# New DB35 Drive Is Loud - Owners Please Respond



## mandms7 (Mar 11, 2006)

I just finished replacing my Seagate 7200.10 Barracuda with a Seagate 500GB DB35 drive on my Series 2 TiVo. The main reason I wanted to replace the Barracuda drive was because of it's loud read/write seeks. So I couldn't believe my ears when I powered on my TiVo with the new DB35 drive and the read/write seeks were as loud if not slightly louder than the Barracuda! I can easily hear the read/writes from across the room, and I am now pretty upset with it. Seagate describes these drives as having "near-silent operation", and mine is not even remotely close to that. I know a lot of people have these drives and seem to be pretty happy with them, so I'm really confused by how loud mine is. 

For those people who have DB35 drives, how loud are your read/write seeks? Can you hear yours from across the room? How close do you have to be to yours before you start to hear the read/write seeks?


----------



## dwit (May 5, 2004)

Would definitely exchange to see if another is similar.


----------



## mandms7 (Mar 11, 2006)

I'd really appreciate some assistance from some DB35 owners. I need to know if the level of loudness is a normal characteristic of this drive, or if somehow mine doesn't have the acoustic management configured properly or is defective.


----------



## Bruzer (Jul 8, 2005)

I replaced the 120GB Maxtor HD in my Toshiba RS-TX20 with a 750GB Seagate DB35. The unit is located in our bedroom, pretty much at the foot of our bed. I wouldn't say it's absolutely quiet, but it's quiet enough that I really don't notice it with the TV off.

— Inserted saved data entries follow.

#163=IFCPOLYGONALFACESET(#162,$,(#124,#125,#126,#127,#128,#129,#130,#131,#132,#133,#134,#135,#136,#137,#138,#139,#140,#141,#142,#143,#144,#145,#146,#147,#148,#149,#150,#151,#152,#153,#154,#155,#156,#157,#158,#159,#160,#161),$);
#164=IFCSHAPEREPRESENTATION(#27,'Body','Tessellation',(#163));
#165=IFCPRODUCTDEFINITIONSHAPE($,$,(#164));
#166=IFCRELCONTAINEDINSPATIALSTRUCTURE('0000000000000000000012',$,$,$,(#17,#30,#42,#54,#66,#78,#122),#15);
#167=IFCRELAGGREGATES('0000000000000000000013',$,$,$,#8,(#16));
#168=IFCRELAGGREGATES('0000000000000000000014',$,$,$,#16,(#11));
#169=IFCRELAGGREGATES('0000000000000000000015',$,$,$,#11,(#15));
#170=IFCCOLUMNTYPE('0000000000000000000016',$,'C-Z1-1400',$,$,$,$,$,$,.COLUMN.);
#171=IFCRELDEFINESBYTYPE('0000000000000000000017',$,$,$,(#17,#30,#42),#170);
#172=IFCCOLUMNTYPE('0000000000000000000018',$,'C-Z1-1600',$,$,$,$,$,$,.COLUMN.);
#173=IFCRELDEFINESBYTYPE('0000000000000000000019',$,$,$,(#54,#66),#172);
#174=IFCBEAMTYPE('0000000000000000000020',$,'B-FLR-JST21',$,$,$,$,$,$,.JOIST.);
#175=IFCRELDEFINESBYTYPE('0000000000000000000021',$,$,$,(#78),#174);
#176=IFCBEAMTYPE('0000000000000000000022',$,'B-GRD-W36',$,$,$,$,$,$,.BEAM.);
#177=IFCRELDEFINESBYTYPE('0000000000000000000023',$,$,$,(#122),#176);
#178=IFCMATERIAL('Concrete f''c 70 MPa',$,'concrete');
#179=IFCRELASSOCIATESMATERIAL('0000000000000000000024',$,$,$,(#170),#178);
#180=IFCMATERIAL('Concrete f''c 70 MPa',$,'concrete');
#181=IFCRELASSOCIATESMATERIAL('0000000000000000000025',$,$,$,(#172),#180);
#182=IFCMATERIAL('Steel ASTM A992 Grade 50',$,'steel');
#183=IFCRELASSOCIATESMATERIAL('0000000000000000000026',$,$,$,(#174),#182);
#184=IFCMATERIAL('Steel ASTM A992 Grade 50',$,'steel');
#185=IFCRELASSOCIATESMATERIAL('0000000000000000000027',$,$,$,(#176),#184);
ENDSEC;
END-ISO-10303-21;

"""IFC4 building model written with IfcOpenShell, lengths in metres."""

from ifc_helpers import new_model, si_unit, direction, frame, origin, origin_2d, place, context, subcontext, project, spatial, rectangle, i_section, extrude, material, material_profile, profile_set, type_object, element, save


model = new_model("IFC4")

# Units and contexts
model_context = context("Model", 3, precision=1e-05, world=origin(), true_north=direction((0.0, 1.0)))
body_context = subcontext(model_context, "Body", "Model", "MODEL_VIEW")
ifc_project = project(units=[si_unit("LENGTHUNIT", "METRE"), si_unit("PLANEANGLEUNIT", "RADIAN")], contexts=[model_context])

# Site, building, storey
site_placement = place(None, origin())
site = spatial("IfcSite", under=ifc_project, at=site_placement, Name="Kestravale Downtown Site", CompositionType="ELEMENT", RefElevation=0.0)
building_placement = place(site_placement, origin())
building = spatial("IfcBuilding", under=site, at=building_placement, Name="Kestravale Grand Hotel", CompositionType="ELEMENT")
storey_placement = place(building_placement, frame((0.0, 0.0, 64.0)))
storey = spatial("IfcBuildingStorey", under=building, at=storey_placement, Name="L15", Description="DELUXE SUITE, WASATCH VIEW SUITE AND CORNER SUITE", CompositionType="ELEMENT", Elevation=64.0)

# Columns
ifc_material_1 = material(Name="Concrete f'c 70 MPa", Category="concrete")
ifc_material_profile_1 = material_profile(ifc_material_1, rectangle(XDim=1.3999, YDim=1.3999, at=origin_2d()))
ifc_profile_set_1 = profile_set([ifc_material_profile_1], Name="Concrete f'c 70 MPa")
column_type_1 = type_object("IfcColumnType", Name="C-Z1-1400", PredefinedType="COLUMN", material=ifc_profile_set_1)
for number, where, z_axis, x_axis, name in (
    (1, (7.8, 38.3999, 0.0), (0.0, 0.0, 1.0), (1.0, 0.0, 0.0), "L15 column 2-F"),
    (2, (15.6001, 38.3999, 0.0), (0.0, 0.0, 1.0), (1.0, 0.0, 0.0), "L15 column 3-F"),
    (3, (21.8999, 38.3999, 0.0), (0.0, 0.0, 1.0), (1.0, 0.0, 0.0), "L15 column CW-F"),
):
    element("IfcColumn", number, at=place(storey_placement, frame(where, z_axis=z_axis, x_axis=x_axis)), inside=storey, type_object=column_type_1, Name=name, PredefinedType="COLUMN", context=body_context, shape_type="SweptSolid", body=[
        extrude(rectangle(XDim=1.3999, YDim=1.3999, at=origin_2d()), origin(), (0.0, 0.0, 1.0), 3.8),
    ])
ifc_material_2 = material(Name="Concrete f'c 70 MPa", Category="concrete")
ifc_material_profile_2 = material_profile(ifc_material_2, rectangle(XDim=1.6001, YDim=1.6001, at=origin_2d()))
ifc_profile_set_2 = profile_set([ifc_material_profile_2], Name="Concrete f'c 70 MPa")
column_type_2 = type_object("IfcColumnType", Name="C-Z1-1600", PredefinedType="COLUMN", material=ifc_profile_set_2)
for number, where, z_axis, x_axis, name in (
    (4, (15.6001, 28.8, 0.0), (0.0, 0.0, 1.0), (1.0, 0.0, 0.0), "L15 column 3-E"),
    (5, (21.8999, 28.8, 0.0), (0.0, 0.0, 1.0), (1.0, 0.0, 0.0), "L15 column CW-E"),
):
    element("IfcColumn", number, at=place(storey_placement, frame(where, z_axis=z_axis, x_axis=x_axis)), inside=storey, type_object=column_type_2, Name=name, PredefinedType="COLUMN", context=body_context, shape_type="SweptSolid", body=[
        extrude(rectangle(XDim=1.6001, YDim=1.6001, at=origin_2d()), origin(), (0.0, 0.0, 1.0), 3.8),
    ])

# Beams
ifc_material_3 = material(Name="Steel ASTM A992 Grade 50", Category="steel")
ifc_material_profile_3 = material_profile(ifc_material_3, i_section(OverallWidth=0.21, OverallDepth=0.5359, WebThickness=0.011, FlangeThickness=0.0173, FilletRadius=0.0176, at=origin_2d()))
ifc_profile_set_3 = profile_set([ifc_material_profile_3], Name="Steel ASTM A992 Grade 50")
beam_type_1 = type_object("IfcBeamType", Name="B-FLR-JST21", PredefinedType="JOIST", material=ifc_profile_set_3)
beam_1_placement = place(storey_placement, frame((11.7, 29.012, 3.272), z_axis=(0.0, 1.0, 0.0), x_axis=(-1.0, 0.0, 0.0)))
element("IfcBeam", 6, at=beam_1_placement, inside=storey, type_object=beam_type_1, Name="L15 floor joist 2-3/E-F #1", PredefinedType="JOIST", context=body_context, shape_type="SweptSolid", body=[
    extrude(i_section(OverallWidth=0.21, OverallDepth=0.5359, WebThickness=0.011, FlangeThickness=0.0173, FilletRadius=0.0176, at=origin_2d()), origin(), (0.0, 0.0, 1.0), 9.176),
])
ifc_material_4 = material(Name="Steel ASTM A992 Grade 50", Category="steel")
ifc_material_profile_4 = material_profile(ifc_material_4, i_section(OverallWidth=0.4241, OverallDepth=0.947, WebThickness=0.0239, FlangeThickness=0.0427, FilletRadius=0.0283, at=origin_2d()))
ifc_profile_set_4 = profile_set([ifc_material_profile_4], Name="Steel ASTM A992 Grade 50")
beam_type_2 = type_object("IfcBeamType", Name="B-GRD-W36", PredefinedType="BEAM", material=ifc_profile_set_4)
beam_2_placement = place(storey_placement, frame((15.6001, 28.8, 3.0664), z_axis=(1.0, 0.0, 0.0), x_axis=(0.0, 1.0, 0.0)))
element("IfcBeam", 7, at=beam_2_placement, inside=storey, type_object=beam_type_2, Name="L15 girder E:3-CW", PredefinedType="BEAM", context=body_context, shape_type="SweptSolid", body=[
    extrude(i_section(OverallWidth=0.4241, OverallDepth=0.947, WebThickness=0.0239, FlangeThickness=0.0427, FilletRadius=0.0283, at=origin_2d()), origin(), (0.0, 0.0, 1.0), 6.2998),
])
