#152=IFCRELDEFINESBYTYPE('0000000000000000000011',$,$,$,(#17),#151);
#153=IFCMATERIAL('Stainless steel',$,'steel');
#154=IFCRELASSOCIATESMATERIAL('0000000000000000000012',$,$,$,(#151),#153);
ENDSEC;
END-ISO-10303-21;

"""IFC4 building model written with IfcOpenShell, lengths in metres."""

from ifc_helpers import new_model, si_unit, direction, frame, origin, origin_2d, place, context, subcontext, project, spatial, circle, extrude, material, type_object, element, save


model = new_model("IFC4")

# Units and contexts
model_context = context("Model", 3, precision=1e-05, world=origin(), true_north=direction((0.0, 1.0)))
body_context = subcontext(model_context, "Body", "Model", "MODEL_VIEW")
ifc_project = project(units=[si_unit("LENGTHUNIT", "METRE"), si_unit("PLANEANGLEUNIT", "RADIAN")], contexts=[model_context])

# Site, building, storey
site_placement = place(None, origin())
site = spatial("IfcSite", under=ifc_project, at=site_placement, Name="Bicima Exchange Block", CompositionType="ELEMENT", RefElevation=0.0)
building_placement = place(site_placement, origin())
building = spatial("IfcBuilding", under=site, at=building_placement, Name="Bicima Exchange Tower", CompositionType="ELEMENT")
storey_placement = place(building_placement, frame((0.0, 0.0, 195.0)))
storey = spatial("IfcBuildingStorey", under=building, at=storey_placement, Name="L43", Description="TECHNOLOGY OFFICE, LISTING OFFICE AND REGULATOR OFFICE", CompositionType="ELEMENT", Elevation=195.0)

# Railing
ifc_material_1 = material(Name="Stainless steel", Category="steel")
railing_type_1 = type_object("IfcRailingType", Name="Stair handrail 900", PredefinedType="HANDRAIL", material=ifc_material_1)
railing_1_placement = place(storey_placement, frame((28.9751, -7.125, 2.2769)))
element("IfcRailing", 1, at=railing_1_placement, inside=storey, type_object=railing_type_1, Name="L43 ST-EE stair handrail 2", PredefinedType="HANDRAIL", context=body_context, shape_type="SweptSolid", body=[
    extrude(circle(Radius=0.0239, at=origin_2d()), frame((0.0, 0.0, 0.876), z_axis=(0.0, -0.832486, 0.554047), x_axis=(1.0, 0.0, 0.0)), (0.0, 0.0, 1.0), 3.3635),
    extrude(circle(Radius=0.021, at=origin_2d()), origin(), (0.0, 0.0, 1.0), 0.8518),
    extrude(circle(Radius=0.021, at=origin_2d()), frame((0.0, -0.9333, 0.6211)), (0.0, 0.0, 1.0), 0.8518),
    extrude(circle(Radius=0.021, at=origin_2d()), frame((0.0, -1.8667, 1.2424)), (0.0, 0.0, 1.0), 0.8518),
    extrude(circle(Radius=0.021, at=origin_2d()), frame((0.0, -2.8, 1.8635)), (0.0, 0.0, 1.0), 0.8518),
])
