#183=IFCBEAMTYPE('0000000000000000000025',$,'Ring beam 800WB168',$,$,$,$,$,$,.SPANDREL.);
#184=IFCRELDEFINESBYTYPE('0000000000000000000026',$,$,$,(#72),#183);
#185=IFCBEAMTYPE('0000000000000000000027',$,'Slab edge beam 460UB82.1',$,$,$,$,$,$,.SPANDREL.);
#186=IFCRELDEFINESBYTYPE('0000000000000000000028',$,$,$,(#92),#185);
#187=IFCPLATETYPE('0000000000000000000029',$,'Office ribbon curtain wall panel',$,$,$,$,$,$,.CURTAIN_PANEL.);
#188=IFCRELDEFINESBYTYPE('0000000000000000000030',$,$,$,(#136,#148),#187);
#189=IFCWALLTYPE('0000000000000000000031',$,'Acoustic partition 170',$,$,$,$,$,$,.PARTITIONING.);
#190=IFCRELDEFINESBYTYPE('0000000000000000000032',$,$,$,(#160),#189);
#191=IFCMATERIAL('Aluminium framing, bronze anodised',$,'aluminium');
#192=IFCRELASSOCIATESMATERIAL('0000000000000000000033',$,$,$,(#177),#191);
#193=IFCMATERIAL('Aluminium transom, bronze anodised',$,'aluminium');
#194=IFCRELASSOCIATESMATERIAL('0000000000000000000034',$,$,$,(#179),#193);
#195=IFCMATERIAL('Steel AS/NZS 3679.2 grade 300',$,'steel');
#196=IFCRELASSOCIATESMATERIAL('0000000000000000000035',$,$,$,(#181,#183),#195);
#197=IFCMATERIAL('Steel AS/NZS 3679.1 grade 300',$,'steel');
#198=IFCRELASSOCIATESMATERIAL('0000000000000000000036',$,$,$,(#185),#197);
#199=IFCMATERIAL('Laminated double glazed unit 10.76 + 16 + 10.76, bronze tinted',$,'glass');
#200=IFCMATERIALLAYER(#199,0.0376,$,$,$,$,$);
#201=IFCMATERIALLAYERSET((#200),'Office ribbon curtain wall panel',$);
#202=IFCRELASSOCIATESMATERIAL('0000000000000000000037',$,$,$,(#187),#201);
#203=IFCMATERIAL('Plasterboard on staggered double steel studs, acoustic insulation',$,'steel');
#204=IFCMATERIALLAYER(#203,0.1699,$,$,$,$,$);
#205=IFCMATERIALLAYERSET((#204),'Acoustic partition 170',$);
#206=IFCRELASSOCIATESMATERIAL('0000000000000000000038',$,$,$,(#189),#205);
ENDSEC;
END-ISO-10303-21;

You may try contacting Seagate customer service and see what they have to say. If they're not helpful, I would try to exchange it for another one.

Good luck!


----------



## jerobi (Sep 28, 2000)

Yeah, my DB35 drives are signifigantly _quieter_ than the regular drives that they replaced. Not totally quiet, but nothing I notice on a regular basis. The old drives used to really churn away.

It sounds like you got a bad one.


----------



## ilh (Dec 21, 2007)

The 160GB DB35 that was in the Verizon HD DVR I had for a month had very noticeable seek noise. It was definitely louder than the WD1600AAVBS that came stock in my TiVo HD and the WD10EACS that replaced it.

I haven't had good luck with Seagate and seek noise over the years.


----------



## ronsch (Sep 7, 2001)

I have DB35s in two of my three TiVos sitting one on top of the other and don't notice any excessive noise. Then again, I have only really ever noticed a lot of noise during indexing or garbage collection from any brand of drive and I've used Maxtor, WD, and regular Seagates along with the DB35s.


----------



## mandms7 (Mar 11, 2006)

Well it sounds like I should have stuck with a Hitachi or WD that has acoustic management capabilities. I was under the impression that the DB35 were near silent, but based on most responses, it doesn't sound like this is the case.


----------



## tivoupgrade (Sep 27, 2000)

mandms7 said:


> Well it sounds like I should have stuck with a Hitachi or WD that has acoustic management capabilities. I was under the impression that the DB35 were near silent, but based on most responses, it doesn't sound like this is the case.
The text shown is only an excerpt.